Reverse Fusion of Node Pairs in Scheduler

NiklasZ · May 8, 2024, 10:03am

Hi,

I’m interested in PyTorch’s operator fusion (still relatively new, so please feel free to correct me). I have been reading the Scheduler’s source code and noticed a strange case where it seems to consider the fusability of a pair of nodes node1, node2 in the normal order: self.can_fuse(node1, node2) but also the reverse order: self.can_fuse(node2, node1). Specifically, I’m referring to this code here:

def check_all_pairs(nodes):
    for node1_index, node1 in enumerate(nodes):
        for node2 in nodes[node1_index + 1 :]:
            key = (node1, node2)
            if key in seen:
                continue
            seen.add(key)

            if self.can_fuse(node1, node2):
                possible_fusions.append(key)
            elif (node2.is_template() or node2.is_foreach()) and self.can_fuse(
                node2, node1
            ):
                # foreach fusions and epilogue fusions are order dependent
                possible_fusions.append((node2, node1))

source

I inspected this function on some trivial functions via torch.compile() and it seems that nodes is typically a set containing a graph node n and all the nodes it outputs to m_1,...m_k (it’s probably not that simple, so feel free to correct me there).

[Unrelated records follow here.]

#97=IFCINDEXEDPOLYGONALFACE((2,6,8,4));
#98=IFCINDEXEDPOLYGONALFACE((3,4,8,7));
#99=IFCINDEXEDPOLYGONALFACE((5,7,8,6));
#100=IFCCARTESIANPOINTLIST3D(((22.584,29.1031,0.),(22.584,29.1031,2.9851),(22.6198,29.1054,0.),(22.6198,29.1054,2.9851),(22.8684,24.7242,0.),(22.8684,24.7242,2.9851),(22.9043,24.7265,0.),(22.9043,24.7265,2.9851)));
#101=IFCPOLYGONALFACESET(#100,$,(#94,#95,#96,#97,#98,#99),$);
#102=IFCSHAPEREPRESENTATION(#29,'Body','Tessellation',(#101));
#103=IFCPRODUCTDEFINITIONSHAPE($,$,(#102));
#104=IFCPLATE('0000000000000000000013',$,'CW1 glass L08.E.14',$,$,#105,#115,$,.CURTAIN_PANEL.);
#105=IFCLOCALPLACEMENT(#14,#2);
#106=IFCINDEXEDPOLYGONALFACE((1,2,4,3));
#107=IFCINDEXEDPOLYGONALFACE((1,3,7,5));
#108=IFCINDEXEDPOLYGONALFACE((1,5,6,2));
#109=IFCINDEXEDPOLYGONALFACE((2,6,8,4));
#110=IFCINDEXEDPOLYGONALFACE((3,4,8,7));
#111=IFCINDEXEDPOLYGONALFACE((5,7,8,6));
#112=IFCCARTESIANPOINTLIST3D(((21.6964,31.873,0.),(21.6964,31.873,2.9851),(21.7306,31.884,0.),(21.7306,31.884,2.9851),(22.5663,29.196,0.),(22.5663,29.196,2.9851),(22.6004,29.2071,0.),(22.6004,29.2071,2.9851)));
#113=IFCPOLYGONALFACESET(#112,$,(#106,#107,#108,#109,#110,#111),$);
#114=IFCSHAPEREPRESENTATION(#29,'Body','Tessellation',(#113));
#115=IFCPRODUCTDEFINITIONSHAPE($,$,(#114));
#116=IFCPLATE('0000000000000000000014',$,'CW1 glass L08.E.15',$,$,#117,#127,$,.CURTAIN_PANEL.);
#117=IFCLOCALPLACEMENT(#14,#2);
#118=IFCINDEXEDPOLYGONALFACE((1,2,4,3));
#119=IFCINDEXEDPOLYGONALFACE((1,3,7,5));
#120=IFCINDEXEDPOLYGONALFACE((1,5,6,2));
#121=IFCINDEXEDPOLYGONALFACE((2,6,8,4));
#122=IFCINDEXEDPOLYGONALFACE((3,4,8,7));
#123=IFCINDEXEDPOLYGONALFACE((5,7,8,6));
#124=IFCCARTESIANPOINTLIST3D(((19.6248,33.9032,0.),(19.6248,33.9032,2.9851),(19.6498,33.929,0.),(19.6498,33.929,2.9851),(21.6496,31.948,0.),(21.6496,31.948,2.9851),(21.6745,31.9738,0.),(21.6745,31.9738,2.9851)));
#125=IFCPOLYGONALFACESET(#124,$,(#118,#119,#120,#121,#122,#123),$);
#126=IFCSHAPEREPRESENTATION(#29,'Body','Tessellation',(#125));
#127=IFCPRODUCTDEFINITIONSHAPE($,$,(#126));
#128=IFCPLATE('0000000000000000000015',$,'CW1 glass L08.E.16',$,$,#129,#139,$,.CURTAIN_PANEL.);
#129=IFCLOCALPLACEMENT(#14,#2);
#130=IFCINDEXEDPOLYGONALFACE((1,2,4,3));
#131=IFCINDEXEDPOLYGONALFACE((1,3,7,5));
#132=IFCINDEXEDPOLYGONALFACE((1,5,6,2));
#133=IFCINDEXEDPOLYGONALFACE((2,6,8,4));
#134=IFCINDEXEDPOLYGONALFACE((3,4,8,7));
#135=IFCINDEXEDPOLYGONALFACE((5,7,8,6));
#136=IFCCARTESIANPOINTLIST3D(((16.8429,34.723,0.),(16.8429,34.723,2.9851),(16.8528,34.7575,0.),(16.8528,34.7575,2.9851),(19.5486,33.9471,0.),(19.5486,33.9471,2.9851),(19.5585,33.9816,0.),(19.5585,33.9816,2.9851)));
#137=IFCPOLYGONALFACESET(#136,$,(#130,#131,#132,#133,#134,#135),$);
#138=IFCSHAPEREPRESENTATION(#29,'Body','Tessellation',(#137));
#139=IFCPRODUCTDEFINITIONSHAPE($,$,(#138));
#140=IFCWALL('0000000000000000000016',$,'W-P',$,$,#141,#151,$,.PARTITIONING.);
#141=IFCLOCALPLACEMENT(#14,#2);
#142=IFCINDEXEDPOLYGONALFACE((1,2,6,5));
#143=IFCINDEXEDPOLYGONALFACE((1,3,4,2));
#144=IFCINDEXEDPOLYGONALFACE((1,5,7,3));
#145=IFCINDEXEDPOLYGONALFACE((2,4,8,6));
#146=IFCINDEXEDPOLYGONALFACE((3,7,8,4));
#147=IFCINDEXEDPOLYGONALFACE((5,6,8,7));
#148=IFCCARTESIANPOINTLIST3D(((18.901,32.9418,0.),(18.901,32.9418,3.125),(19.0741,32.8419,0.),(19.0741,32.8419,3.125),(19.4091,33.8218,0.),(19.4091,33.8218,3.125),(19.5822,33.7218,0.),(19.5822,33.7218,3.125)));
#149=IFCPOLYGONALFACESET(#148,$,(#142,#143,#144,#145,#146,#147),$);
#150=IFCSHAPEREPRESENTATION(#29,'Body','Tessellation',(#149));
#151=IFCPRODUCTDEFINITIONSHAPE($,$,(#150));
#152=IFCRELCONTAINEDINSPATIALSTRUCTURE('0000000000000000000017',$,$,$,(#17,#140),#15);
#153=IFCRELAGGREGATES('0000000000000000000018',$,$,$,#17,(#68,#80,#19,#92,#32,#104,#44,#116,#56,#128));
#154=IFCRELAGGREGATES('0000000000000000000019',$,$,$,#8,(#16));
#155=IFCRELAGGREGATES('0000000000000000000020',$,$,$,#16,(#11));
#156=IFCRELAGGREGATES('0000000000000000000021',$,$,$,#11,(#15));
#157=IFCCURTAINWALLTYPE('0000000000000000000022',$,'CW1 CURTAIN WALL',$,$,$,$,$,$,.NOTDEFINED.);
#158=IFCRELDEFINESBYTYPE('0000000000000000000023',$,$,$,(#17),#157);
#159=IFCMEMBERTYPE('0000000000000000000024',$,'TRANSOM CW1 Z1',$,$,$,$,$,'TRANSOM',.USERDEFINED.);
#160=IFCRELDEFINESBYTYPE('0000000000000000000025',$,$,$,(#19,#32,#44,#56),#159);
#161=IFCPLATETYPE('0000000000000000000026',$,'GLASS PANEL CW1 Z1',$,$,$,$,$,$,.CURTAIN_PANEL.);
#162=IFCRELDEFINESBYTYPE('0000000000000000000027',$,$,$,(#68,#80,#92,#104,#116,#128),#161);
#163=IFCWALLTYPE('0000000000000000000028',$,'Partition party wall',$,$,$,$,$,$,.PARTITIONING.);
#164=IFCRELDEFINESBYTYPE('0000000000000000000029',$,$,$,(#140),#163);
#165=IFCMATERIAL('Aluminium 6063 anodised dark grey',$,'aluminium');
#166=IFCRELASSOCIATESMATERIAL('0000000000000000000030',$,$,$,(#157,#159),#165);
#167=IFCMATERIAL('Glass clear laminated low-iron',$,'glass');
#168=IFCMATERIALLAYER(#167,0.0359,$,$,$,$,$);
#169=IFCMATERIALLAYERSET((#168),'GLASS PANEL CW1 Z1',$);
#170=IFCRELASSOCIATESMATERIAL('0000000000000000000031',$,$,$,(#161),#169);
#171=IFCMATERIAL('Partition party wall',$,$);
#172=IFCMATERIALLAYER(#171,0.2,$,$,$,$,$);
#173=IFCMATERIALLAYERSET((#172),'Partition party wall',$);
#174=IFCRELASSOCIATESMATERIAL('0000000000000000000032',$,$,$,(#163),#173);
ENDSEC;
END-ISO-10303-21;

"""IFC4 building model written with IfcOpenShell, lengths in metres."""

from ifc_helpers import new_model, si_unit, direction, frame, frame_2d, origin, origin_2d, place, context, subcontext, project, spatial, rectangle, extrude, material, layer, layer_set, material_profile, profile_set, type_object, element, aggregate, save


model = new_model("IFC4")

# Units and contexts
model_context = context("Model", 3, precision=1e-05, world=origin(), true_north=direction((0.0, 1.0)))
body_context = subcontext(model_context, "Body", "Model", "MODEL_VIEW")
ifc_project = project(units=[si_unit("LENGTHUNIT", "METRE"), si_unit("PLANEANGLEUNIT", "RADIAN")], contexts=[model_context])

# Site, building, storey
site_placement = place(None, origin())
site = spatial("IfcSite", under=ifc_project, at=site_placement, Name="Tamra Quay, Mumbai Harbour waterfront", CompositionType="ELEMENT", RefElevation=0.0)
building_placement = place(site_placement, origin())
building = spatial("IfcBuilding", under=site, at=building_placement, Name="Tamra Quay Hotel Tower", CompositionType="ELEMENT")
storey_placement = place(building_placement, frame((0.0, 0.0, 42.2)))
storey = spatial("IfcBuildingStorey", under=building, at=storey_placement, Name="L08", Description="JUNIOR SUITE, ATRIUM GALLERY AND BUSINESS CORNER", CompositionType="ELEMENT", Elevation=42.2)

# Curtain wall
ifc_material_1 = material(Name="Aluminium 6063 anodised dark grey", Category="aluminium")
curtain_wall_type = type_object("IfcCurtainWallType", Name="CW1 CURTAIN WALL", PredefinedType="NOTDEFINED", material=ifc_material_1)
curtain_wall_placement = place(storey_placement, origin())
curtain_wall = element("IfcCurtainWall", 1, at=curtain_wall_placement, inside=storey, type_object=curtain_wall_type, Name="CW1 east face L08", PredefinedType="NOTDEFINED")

So we have a set (n, m_1, … m_k). So in the self.can_fuse(node1, node2) case we have:

Check whether we can fuse n with some m_i+1 (vertical fusion?)
Check whether we can fuse m_i with m_i+1 (horizontal fusion?)
for some i in 1...k.

Now my question is, when is self.can_fuse(node2, node1) meaningful? From my understanding this could be wrong as fusing operations in reverse can affect the overall function’s correctness.

Would appreciate someone’s insight here. Many thanks!